Back to the Future: despite his glass always being half-empty or even cracked and leaking, Ken Kessler finds reasons to be cheerful.
Unlike my ever-optimistic colleague and friend Mikey Fremer, who is convinced that every under-thirty-something craves a high-end turntable, a moving-coil cartridge and a record library exceeding five figures, I despair for the future of hi-fi. Whatever created the perfect storm that completely devalued what we call hi-fi or specialty audio or “the high end” – and I take those to mean systems made up of separates which deliver the best sound possible at the price – the massed forces of stupidity and the champions of lowering standards have succeeded in decimating the hi-fi marketplace. Or is the disappearance of a hi-fi store in every town just my imagination?

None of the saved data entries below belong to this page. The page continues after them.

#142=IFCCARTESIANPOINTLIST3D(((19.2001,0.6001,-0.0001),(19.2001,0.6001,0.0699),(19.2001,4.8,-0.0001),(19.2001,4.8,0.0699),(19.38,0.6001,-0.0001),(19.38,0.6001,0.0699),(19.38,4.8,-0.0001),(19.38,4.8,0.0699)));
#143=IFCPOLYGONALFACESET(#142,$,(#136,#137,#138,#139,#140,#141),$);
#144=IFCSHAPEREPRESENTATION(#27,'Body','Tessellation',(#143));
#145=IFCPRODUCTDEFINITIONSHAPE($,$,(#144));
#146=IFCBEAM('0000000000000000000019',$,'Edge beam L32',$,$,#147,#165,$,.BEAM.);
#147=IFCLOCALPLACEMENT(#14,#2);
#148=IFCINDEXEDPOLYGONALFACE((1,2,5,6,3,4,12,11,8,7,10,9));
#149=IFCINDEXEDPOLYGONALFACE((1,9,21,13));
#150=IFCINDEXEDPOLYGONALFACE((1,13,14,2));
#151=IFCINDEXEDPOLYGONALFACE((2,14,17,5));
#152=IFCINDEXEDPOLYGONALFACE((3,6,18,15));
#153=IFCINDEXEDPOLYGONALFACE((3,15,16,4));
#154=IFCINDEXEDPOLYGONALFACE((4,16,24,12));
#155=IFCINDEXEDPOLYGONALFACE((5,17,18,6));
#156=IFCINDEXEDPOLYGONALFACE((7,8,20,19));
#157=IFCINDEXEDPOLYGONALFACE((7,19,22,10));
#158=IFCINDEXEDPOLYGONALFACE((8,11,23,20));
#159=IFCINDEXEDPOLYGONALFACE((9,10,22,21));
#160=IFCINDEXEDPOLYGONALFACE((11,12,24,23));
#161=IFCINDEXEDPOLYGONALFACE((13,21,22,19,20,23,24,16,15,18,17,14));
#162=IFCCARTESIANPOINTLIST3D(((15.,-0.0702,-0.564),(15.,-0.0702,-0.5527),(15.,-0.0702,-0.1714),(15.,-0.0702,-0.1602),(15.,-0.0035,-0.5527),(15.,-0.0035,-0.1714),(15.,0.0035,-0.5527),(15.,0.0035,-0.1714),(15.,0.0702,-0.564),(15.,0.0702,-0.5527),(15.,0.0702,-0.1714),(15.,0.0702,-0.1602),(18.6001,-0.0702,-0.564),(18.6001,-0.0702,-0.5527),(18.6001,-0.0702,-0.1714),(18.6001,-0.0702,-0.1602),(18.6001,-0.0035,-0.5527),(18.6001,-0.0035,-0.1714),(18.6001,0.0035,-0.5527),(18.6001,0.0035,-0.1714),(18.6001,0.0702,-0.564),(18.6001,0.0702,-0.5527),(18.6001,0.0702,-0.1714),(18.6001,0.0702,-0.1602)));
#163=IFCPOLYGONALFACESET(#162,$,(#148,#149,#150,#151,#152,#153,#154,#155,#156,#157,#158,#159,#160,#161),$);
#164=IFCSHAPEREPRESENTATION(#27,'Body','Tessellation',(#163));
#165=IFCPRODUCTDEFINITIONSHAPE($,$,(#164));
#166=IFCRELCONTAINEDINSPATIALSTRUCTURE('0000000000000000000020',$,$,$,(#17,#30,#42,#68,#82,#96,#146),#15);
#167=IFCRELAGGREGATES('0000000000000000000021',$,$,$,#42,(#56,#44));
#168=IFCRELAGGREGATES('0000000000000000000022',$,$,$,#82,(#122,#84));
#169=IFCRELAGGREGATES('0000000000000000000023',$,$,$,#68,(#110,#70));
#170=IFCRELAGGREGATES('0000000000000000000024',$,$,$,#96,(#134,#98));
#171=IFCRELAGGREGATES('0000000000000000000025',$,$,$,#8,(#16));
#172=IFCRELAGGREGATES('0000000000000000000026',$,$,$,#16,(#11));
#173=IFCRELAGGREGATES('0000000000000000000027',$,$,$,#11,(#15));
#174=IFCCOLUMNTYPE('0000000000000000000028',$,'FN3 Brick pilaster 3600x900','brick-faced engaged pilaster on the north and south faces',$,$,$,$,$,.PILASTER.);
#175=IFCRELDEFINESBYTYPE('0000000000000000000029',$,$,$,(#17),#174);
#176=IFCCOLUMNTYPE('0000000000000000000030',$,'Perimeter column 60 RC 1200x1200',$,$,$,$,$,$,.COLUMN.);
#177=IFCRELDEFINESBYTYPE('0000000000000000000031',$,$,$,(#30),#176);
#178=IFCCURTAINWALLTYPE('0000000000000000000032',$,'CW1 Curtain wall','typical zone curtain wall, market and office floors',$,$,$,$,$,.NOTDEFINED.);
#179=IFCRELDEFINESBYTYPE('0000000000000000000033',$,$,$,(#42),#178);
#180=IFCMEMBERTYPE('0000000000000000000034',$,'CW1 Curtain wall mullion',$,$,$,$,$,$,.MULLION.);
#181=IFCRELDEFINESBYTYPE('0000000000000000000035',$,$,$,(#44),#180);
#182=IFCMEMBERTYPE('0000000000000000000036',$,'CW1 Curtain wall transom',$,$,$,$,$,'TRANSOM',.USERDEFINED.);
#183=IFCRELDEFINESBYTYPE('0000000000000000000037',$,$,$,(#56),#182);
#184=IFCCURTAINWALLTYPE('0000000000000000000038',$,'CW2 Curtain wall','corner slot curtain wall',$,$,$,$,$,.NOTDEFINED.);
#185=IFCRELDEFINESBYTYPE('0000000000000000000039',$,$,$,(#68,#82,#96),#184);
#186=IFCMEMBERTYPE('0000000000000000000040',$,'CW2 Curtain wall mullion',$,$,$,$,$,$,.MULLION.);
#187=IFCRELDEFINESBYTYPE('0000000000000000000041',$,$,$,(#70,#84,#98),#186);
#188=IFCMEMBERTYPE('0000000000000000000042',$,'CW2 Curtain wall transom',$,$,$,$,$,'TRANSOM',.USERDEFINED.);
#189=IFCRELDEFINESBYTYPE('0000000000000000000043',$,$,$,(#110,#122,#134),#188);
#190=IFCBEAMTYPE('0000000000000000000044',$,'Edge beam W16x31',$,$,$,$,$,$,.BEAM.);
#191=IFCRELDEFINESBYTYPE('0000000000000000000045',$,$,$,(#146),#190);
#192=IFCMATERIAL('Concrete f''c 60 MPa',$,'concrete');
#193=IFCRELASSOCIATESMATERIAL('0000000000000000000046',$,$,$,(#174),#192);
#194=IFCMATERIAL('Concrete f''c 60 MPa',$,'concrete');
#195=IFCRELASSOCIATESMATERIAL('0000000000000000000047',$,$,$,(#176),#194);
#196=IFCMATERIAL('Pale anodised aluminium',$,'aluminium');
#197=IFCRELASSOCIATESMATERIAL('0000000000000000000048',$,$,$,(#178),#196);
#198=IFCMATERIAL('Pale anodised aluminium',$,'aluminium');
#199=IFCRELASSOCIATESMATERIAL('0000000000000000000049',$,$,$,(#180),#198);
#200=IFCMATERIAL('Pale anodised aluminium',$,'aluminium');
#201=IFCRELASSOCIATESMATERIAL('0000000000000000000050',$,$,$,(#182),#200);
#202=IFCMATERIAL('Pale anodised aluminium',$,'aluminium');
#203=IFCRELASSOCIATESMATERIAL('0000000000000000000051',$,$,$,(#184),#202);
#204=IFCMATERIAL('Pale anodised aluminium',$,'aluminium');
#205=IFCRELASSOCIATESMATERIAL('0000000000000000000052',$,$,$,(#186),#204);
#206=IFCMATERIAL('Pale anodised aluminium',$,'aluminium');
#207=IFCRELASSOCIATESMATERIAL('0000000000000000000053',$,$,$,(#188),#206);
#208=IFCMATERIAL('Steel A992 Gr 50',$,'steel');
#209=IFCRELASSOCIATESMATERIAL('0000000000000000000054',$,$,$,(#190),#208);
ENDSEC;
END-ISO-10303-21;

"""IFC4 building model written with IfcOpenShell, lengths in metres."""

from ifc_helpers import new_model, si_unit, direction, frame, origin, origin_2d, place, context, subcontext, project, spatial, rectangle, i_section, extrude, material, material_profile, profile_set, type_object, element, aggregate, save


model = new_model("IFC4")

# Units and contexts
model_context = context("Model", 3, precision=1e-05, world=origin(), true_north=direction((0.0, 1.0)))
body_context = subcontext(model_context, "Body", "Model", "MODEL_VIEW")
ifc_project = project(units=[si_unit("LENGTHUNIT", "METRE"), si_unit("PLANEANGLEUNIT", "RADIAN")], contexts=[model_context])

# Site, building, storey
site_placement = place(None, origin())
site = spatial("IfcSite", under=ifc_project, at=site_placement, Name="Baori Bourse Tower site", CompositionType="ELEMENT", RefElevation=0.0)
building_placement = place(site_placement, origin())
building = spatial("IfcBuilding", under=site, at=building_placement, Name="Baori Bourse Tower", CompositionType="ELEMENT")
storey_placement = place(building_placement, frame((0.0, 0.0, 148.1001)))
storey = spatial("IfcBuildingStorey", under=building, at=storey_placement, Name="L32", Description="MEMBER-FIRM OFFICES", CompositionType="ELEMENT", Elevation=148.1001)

These destructive forces are legion: online shopping and the death of brick-and-mortar retail; recent reports of the closure of entire shopping malls in the US – not just individual shops; the inexorable rise of low-fi/all-in-one systems for under $500 with wireless sound throughout the house; streaming and the devaluing of music itself; Steve Jobs’ infamous declaration that hi-fi was dead when he launched a never-to-succeed Apple stereo system; the proliferation of earbuds over decent headphones, let alone speakers; lower educational standards; the decline of quality popular music; ad nauseam.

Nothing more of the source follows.